Others – Safety Assessment of Food Products and Additives
Safety Assessment of Food Products and Additives
At CRONET Sagl, we provide scientific and regulatory consultancy services focused on the safety assessment of ingredients, additives, and other substances intended for food use. Leveraging our expertise in the evaluation of bioactive substances and a strong understanding of international regulatory frameworks, we support companies in bringing safe and compliant products to market.
Toxicological and Risk Assessment
We conduct comprehensive toxicological profiling of food ingredients and additives, evaluating parameters such as mutagenicity, carcinogenicity, and systemic toxicity. Our services include the critical review of preclinical studies to verify compliance with international standards (OECD, EFSA, FDA), as well as predictive risk assessments using advanced in silico tools like QSAR and read-across models.
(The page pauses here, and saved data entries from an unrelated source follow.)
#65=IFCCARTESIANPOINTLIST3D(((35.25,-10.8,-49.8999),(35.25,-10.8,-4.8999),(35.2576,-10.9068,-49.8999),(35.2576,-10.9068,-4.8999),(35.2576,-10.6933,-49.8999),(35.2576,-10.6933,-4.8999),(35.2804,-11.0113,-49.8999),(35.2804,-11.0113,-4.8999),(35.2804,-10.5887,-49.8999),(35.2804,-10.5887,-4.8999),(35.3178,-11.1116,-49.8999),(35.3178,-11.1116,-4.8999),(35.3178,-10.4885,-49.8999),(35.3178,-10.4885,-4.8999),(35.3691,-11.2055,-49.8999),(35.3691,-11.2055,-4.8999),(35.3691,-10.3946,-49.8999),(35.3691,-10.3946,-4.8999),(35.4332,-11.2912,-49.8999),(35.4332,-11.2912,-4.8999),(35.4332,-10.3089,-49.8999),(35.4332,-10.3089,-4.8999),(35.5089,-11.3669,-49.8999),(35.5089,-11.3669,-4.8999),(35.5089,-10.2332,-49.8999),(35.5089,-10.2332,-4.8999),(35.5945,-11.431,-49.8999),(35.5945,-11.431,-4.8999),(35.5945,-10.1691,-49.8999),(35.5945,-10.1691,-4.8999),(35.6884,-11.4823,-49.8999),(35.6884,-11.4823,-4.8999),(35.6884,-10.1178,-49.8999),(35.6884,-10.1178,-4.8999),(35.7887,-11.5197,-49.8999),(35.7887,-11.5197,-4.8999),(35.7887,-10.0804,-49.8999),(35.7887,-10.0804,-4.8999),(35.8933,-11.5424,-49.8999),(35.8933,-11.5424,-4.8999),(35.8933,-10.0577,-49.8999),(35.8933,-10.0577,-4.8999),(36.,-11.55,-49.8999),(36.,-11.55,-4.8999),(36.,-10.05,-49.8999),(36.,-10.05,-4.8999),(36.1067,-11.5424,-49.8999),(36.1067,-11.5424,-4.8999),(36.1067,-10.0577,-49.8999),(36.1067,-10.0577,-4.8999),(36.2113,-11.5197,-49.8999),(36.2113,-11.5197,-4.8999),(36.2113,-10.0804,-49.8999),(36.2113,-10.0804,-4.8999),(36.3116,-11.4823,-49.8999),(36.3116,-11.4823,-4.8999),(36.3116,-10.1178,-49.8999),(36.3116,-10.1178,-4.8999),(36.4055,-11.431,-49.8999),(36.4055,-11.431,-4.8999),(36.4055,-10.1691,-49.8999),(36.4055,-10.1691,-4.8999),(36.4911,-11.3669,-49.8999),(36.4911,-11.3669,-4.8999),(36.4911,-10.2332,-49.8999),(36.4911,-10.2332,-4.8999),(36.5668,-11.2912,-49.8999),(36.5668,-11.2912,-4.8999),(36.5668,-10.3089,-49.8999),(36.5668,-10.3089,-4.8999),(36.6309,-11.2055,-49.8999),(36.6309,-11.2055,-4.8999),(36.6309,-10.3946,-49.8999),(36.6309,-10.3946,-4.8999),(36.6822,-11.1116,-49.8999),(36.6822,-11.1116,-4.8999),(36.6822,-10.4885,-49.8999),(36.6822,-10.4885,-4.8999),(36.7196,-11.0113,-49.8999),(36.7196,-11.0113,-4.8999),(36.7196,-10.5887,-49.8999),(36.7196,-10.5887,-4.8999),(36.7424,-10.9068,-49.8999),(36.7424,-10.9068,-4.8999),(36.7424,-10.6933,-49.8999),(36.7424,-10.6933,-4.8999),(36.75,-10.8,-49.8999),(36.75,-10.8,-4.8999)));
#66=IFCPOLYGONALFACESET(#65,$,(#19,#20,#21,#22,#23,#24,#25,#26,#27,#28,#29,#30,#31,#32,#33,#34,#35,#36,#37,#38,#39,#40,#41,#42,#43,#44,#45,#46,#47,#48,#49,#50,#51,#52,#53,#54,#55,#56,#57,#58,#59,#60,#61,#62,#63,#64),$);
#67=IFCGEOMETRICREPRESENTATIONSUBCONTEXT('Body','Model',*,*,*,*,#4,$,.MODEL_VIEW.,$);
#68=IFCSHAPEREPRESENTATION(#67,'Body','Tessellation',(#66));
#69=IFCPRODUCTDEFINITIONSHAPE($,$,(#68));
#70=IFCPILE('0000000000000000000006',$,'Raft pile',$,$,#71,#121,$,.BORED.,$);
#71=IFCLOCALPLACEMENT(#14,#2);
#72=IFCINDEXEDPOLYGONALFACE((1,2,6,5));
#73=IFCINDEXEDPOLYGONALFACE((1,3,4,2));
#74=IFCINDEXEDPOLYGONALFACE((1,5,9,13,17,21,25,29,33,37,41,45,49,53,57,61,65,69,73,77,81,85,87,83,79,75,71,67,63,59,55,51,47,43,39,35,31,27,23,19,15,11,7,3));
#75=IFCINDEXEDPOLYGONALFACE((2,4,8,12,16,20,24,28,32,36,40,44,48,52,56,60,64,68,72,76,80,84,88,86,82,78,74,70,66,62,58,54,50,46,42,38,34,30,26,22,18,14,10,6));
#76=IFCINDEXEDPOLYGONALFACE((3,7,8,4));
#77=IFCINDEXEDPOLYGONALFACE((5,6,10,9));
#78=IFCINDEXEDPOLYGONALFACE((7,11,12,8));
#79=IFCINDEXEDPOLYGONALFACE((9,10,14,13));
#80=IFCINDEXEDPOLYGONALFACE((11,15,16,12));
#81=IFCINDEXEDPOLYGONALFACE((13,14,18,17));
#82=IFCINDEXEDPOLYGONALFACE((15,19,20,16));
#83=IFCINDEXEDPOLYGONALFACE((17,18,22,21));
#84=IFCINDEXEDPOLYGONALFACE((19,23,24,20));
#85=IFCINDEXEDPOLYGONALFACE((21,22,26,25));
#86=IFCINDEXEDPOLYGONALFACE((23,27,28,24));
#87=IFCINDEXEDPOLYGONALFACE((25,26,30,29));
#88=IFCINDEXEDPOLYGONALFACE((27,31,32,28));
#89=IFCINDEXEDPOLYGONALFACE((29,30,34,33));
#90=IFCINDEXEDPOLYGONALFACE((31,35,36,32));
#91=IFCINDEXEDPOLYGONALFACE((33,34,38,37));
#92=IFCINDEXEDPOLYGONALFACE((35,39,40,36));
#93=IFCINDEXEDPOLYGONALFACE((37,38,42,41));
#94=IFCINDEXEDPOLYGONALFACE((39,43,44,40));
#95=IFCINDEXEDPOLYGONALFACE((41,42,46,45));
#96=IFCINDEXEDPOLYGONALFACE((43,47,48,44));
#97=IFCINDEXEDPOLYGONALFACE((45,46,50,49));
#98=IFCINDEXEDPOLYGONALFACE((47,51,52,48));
Regulatory Support and Dossier Preparation
We assist in preparing and submitting regulatory dossiers for novel food substances, additives, flavourings, and enzymes, ensuring full alignment with EU regulations (e.g., Regulation EC 1333/2008), FDA guidelines, and other jurisdictional requirements. We also support clients in communicating effectively with regulatory authorities.
ADME and Bioavailability Evaluation
To understand the biological behavior of a substance, we evaluate its absorption, distribution, metabolism, and excretion (ADME). Our approach combines in vitro testing with in silico modeling to provide scientifically sound predictions of how substances behave within the body.
Impurity and Contaminant Assessment
We help identify and assess potential contaminants such as heavy metals, process residues, microplastics and natural toxins. Our risk assessment process evaluates the chemical safety implications of these impurities, supporting data-driven decisions and regulatory readiness.
Testing Strategy and Study Design
We guide companies in developing tailored testing strategies for safety evaluation. This includes support in selecting qualified GLP-certified laboratories and overseeing study execution to ensure data integrity and regulatory acceptance.
Labelling and Claims
Our consultants ensure that product labels comply with EU, US, and Swiss regulations. We also assist in the validation and submission of nutritional and health claims, supporting product positioning with scientifically sound and legally compliant messaging.
Why Choose CRONET?
Multidisciplinary Expertise
Experience in toxicology, food safety, and regulatory science.
Regulatory Know-How
Proven success with EFSA, FDA, and Swissmedic submissions.
Integrated Support
From early substance evaluation to final dossier submission.
Scientific Rigor
Every assessment is grounded in internationally recognized methodologies.